Force screen saver after inactivity with GPO's domain wide

  • Thread starter Thread starter Guest
  • Start date Start date
G

Guest

I have a requirment to set every users screen saver to activate with
password within 5 minutes. We want to control this from the back-end instead
of trusting that the users will enable it for themselfs. Is there A GPO that
has this configuration? Any help is greatly appreciated. Thank You!
 
You can find the Screen Saver policies in User Configuration\Administrative
Templates\Control Panel\Display. It should be pretty self-explanatory which
ones to set. Our company has Screen Saver (Enabled), Password protect the
screen saver (Enabled), and Screen Saver timeout (Enabled, 1800s). We did
not have to set "Screen Saver executable name" like a lot of the policies
indicate is required. It worked fine with it not configured and gave our
users the flexibility of selecting their own preferred screen saver.

Initially we tried for a 10 minute timeout, but there was much wailing and
gnashing of teeth. It was later dropped to 30 minutes which I think defeats
the purpose of locking an inactive computer since it gives a 30 minute
window to walk up to a computer that hasn't locked yet.

Good luck with your 5 minute policy.

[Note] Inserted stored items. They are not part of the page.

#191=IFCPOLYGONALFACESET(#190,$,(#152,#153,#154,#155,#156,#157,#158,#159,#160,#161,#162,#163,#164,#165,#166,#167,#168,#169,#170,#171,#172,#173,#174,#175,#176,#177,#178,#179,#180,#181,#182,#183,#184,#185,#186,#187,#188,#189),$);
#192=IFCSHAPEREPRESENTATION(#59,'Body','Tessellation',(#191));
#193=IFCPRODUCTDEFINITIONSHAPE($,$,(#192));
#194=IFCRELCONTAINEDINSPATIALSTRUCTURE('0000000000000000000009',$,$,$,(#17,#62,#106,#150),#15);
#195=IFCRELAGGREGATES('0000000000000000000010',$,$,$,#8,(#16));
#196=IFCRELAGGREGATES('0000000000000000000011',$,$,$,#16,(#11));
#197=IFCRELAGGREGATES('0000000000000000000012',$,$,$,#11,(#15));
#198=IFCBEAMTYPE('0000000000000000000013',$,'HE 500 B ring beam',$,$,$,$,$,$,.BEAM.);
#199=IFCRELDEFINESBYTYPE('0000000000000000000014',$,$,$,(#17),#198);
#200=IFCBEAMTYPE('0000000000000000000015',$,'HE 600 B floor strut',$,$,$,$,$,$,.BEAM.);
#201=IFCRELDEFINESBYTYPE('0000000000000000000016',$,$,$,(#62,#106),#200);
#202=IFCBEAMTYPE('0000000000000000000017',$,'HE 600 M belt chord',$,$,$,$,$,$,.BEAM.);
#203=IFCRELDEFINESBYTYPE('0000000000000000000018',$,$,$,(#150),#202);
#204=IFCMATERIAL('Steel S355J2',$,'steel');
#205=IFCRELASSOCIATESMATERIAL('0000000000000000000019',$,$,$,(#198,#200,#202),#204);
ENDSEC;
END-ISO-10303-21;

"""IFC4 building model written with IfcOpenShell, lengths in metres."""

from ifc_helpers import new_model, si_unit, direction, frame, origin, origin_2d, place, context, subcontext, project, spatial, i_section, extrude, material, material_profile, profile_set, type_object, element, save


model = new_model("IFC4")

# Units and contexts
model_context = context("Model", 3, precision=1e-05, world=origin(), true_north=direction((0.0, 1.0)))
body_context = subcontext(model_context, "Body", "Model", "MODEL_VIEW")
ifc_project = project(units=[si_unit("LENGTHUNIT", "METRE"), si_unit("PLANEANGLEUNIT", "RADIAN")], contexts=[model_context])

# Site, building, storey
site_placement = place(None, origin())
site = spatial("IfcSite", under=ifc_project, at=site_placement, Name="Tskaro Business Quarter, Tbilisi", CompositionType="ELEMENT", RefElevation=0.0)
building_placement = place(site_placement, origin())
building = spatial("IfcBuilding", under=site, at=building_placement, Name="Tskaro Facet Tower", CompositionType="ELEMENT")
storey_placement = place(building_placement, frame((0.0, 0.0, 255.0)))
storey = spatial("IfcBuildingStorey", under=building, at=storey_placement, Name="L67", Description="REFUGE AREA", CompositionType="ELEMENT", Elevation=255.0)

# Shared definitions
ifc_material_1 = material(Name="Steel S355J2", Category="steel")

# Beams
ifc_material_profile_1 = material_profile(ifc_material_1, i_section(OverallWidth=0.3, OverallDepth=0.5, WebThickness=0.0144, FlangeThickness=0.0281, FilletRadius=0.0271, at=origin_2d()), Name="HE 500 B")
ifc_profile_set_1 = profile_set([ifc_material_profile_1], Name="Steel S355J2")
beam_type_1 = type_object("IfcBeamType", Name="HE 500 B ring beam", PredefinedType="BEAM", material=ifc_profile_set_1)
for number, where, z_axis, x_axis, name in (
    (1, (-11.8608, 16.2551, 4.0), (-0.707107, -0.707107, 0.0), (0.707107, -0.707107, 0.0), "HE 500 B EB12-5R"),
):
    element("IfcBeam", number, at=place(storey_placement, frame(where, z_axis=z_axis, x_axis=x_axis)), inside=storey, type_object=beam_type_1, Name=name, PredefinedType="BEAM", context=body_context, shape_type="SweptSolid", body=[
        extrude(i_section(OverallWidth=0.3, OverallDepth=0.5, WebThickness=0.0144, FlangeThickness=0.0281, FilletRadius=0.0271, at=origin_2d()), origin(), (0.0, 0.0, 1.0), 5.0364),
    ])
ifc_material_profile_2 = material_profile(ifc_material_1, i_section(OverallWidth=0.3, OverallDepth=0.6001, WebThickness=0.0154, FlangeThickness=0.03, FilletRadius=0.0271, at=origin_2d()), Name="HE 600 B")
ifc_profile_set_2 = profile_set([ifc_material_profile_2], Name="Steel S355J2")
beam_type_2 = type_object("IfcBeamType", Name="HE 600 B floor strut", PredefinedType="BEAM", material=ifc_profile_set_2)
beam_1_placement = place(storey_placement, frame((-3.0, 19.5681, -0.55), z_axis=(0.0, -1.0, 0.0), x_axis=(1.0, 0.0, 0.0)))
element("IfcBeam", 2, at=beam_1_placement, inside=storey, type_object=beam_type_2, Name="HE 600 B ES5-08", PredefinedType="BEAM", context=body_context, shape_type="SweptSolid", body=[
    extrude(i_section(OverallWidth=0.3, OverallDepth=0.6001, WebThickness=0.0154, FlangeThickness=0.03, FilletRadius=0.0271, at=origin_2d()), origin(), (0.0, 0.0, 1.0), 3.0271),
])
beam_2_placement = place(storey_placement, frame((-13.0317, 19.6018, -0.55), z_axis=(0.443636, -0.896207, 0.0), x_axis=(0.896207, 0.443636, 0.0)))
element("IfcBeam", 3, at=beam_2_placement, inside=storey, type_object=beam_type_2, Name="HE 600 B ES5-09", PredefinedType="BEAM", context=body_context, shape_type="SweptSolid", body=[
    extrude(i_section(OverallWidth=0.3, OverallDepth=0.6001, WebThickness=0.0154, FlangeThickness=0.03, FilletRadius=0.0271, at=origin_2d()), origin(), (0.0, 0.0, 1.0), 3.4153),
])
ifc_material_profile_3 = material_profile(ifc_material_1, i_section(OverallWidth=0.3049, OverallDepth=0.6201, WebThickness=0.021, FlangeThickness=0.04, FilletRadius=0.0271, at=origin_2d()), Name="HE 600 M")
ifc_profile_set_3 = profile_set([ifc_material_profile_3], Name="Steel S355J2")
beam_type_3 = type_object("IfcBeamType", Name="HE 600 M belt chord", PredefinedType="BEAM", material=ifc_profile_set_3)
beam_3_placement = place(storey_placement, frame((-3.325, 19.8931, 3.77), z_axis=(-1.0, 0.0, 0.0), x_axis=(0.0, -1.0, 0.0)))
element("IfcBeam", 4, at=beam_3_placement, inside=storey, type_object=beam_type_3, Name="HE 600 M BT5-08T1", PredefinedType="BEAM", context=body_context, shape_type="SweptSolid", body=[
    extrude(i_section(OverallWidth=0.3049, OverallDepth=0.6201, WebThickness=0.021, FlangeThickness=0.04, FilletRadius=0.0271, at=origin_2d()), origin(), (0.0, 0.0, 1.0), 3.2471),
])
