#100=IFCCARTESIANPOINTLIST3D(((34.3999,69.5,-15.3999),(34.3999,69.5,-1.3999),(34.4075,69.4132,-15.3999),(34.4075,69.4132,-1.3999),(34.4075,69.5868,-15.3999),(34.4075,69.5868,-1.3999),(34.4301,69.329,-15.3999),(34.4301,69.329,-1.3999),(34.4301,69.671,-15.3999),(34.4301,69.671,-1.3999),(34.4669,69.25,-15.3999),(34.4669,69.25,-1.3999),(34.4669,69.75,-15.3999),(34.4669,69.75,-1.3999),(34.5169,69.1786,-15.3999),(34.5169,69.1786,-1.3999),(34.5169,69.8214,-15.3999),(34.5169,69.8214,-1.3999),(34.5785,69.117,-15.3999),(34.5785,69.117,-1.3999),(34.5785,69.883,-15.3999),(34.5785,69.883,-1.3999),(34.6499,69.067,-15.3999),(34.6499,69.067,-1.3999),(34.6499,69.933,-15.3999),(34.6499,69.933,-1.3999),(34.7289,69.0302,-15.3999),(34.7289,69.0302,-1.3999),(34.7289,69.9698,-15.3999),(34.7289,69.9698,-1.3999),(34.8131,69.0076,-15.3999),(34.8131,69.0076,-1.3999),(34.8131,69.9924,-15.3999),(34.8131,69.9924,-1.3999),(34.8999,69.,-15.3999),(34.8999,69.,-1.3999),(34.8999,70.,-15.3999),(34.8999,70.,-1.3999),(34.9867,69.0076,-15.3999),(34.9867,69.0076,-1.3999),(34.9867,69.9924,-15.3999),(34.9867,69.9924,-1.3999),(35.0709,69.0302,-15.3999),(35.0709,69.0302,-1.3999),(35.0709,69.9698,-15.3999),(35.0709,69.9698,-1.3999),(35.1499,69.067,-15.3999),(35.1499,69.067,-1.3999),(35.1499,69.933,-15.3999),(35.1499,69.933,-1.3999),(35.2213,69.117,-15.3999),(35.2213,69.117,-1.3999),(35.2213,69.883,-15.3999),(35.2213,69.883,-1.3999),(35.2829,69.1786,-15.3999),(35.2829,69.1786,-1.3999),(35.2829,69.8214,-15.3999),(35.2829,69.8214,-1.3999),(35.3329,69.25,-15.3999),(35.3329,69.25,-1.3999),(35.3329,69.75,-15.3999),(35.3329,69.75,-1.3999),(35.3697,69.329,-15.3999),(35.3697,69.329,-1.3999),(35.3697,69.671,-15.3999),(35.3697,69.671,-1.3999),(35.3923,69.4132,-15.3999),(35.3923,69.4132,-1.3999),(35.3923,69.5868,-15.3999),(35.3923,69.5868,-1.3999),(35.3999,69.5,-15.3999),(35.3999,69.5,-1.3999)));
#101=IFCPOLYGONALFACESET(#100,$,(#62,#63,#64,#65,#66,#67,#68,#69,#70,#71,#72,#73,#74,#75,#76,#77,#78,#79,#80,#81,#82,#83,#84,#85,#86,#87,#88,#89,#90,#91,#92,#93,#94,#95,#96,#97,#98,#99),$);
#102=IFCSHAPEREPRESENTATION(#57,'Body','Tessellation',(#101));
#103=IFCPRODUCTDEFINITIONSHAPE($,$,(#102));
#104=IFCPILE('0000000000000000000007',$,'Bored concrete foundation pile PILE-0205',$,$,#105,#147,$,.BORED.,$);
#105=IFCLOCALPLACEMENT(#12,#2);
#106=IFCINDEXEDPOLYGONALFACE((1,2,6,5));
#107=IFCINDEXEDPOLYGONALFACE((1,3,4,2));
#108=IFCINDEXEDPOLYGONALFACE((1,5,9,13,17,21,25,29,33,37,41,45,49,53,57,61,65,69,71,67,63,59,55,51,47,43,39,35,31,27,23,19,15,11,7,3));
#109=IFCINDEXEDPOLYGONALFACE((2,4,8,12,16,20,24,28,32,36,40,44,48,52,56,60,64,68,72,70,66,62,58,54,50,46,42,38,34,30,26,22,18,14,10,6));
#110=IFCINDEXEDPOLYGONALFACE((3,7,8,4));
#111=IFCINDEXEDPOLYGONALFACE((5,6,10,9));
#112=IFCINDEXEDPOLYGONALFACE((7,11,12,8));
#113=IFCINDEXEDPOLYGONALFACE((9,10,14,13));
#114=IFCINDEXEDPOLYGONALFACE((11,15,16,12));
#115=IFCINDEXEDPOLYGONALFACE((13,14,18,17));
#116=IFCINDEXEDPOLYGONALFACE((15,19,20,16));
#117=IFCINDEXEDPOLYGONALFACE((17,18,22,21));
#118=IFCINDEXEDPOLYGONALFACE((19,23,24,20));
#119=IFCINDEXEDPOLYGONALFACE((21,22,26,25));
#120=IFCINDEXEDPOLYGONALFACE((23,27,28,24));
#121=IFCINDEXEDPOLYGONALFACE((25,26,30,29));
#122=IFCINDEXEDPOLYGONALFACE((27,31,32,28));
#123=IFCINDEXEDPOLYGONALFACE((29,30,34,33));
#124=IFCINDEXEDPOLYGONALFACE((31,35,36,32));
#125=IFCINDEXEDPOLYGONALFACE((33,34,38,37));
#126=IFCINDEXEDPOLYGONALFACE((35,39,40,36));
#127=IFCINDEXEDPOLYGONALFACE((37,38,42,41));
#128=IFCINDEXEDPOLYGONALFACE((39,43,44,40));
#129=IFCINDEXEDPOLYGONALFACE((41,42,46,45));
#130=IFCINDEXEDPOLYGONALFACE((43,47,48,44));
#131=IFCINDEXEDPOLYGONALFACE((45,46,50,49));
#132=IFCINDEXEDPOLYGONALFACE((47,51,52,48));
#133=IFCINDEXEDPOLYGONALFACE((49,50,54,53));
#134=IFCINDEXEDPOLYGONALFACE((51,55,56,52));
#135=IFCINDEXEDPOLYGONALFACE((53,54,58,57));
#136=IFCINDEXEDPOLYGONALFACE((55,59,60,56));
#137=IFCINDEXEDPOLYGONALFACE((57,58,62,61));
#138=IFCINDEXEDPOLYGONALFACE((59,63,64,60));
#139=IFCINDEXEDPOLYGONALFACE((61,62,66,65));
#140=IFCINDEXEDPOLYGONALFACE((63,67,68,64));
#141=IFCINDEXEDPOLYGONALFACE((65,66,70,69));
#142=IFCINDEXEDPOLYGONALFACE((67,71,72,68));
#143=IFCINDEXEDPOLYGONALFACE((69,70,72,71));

You may wish to take your phone off
the hook for a while after implementation... :)
 
Thank You Michael. I truly appreciate your help.

Michael Ellingson said:
You can find the Screen Saver policies in User Configuration\Administrative
Templates\Control Panel\Display. It should be pretty self-explanatory which
ones to set. Our company has Screen Saver (Enabled), Password protect the
screen saver (Enabled), and Screen Saver timeout (Enabled, 1800s). We did
not have to set "Screen Saver executable name" like a lot of the policies
indicate is required. It worked fine with it not configured and gave our
users the flexibility of selecting their own preferred screen saver.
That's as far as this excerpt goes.